1 - PRELIMINARMENTE: CERCEAMENTO DE DEFESA

1.1 - DESRESPEITO AO DIREITO DE AUDIÊNCIA

De se notar, ab initio, que se delegou à Autoridade Administrativa a


oitiva prévia do condenado, nos termos do art. 118, § 2º, da Lei de Execução Penal.

Data maxima venia, a diligência supra se mostra absolutamente


inválida, porquanto realizada em sede do procedimento disciplinar e porque compete ao
Juiz da execução penal ouvir o sentenciado.

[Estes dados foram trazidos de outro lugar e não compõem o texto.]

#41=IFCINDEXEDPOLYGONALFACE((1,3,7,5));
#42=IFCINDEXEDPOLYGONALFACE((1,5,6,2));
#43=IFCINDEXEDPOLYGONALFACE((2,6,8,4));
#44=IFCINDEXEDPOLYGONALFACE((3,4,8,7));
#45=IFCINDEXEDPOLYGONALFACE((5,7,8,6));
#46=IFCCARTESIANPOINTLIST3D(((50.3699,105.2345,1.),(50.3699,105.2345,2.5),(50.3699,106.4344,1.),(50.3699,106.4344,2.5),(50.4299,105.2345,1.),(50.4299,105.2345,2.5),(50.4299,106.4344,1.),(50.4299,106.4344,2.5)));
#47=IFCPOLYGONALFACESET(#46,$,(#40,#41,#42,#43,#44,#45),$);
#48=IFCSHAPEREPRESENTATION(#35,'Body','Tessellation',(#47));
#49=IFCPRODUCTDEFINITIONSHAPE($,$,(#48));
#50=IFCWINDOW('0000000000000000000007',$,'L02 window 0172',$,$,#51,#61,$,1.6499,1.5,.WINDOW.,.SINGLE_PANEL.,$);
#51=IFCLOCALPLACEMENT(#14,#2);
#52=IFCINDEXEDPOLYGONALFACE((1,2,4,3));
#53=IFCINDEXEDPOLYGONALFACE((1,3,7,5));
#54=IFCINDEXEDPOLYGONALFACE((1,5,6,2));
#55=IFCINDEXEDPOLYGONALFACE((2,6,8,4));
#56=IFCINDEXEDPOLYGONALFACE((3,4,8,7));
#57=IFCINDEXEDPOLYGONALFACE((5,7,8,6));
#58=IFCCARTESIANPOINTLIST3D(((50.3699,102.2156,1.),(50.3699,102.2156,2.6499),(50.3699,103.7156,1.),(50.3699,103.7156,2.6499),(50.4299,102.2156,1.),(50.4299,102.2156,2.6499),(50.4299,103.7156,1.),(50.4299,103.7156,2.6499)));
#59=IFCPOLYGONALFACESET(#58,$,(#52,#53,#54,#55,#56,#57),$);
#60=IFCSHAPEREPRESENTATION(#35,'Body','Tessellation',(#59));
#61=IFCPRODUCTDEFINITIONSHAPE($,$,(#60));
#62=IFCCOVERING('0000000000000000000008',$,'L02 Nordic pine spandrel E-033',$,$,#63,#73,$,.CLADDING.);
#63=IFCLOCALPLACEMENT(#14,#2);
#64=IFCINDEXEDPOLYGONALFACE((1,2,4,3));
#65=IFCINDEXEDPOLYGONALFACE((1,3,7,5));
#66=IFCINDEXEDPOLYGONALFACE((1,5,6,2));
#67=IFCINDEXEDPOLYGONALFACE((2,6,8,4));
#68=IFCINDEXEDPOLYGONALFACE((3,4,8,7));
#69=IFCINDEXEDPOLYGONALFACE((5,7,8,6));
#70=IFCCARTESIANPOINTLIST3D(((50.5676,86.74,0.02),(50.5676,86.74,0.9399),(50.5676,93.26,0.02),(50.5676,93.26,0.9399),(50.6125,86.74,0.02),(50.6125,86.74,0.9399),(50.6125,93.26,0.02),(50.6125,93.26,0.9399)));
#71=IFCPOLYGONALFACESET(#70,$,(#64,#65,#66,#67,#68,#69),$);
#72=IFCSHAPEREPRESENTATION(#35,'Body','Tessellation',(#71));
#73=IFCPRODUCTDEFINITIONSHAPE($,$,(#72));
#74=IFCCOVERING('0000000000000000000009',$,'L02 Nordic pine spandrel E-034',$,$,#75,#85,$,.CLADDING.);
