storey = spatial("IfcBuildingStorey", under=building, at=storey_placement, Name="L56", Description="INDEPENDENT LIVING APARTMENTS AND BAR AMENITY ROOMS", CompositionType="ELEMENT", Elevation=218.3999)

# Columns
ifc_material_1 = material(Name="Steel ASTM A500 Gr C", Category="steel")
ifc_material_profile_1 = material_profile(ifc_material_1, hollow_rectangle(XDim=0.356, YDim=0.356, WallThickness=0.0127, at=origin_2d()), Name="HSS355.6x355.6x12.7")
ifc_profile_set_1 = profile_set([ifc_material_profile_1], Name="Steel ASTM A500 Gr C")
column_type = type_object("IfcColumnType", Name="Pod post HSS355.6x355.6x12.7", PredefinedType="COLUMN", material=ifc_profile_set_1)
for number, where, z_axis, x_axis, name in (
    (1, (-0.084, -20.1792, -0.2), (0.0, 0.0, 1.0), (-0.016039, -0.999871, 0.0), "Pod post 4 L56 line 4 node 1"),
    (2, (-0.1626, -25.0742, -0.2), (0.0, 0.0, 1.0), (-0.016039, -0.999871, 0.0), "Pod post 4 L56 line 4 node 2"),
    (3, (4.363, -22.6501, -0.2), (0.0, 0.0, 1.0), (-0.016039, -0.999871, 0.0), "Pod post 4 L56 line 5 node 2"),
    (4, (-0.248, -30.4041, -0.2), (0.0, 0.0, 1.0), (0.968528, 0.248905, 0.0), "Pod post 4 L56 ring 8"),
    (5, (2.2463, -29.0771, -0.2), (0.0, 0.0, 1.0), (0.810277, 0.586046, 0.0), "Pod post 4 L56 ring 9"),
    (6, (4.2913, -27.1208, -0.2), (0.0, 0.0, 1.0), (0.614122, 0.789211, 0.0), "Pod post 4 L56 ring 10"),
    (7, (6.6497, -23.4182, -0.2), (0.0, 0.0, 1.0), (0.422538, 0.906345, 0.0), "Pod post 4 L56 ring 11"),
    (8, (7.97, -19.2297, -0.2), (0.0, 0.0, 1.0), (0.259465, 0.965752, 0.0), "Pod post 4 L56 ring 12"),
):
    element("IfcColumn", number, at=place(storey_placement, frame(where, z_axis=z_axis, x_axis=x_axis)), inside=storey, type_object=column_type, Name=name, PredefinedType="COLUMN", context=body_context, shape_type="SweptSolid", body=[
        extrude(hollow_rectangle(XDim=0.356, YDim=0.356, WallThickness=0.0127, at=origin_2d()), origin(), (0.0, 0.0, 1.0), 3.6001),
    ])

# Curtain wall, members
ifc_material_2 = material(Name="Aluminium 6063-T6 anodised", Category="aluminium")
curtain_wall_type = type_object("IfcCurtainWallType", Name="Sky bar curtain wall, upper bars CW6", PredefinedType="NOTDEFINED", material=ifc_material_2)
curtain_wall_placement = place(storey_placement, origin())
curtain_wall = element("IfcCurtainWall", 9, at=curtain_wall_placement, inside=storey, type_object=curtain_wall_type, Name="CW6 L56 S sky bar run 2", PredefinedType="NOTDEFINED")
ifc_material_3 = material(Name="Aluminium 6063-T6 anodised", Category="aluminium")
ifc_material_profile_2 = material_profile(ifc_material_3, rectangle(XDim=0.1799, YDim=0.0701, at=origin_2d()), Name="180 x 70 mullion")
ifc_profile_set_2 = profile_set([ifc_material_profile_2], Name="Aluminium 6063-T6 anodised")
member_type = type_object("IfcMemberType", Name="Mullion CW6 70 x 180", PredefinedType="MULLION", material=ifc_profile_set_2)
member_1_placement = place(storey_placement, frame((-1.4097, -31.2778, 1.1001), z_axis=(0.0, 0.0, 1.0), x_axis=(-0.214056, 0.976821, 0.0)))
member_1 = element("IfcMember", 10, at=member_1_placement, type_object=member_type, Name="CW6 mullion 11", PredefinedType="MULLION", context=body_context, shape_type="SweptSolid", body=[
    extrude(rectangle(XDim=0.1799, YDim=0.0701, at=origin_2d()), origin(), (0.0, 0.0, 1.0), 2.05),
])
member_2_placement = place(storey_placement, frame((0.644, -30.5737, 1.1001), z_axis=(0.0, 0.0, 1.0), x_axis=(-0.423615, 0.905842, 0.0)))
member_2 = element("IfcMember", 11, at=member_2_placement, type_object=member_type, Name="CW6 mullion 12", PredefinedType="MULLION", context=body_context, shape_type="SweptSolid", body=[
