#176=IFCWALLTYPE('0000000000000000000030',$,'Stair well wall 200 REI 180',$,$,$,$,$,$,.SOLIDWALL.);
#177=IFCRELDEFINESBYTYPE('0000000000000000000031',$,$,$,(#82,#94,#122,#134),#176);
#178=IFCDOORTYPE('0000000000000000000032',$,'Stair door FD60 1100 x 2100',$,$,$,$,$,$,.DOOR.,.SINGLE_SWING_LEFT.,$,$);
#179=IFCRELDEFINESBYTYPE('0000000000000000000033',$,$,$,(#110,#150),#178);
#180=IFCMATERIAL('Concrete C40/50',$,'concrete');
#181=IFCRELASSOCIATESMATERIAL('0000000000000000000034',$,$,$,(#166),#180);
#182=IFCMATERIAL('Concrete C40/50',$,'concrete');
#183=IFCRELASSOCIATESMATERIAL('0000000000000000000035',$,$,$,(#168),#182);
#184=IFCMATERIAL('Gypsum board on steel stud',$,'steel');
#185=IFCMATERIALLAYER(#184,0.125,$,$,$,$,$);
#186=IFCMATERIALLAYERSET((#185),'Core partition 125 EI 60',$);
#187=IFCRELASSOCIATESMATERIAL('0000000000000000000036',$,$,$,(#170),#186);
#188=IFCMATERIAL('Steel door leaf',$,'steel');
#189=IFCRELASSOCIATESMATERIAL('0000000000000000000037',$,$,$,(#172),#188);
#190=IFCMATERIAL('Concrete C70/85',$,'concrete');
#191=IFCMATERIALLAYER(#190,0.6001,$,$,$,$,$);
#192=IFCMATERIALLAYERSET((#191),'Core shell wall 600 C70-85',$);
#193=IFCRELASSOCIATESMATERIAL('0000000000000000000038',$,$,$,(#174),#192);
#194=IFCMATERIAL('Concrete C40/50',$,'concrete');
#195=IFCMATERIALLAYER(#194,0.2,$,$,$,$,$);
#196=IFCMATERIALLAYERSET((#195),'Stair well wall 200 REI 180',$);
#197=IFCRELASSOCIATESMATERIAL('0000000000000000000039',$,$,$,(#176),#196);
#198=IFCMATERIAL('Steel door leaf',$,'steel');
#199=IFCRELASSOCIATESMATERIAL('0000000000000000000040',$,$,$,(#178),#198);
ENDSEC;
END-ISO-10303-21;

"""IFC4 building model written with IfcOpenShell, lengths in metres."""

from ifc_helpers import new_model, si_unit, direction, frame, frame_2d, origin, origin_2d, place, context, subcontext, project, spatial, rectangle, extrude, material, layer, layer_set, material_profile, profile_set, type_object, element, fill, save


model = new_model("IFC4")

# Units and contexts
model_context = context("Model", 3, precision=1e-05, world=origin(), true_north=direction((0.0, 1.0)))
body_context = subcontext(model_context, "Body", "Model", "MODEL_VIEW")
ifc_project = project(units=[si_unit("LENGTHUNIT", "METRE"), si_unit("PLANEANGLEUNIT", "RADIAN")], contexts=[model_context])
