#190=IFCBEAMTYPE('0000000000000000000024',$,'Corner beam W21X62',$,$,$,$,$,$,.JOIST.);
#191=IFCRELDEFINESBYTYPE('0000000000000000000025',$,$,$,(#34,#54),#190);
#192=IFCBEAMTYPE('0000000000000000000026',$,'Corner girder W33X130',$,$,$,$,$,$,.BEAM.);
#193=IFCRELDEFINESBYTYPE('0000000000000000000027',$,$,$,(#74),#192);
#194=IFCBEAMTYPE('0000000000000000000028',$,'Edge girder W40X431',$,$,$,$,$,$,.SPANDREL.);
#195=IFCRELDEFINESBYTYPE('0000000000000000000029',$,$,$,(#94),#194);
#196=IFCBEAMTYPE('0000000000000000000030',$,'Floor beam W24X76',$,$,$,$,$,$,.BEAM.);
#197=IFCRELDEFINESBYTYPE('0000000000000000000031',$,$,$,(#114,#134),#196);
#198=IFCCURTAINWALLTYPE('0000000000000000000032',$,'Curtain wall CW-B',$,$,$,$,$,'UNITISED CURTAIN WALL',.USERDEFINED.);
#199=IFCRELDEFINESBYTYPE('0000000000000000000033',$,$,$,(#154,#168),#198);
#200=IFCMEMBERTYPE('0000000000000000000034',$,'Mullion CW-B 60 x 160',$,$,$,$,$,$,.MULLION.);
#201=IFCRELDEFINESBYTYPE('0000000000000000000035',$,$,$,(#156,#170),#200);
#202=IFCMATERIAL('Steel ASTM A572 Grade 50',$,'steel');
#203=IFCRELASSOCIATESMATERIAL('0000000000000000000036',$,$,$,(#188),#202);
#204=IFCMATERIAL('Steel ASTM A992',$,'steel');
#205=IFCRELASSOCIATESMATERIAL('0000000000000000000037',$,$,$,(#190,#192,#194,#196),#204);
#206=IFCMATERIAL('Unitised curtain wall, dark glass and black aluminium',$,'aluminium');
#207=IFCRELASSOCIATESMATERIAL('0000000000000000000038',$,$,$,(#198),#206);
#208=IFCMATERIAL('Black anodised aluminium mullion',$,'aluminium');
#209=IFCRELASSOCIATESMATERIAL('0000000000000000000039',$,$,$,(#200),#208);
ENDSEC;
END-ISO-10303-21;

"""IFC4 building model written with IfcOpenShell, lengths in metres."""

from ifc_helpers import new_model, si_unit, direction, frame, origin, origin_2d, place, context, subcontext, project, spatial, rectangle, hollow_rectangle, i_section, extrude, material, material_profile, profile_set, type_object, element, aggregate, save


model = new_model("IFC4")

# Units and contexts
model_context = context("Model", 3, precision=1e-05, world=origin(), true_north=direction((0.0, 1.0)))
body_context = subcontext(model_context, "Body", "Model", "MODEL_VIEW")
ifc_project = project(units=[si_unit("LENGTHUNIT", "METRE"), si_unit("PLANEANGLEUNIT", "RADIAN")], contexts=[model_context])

A respeito, Guilherme de Souza Nucci leciona:

Ampla defesa: quando praticar fato definido como crime


doloso ou quando deixar de cumprir as condições impostas
pelo juiz, bem como deixar de pagar a multa, antes de haver
a regressão, o condenado precisa ser ouvido pelo
magistrado. Cremos que o exercício da ampla defesa é
fundamental, tanto da autodefesa quanto da defesa técnica.
Pode ele apresentar justificativa razoável para o evento.1

Deveras, a execução criminal é regida pelo princípio da


jurisdicionalização, competindo ao respectivo juízo cumprir os termos da sentença penal
condenatória.

Com efeito, reza a Lei n.º 7.210/84:

Art. 66. Compete ao Juiz da execução:


[...]
III - decidir sobre:
[...]
b) progressão ou regressão nos regimes;
c) detração e remição da pena;
[...]
f) incidentes da execução.

1
NUCCI, Guilherme de Souza. Leis penais e processuais penais comentadas. 4. ed.
rev., atual. e ampl. São Paulo: Editora Revista dos Tribunais, 2009. p. 538.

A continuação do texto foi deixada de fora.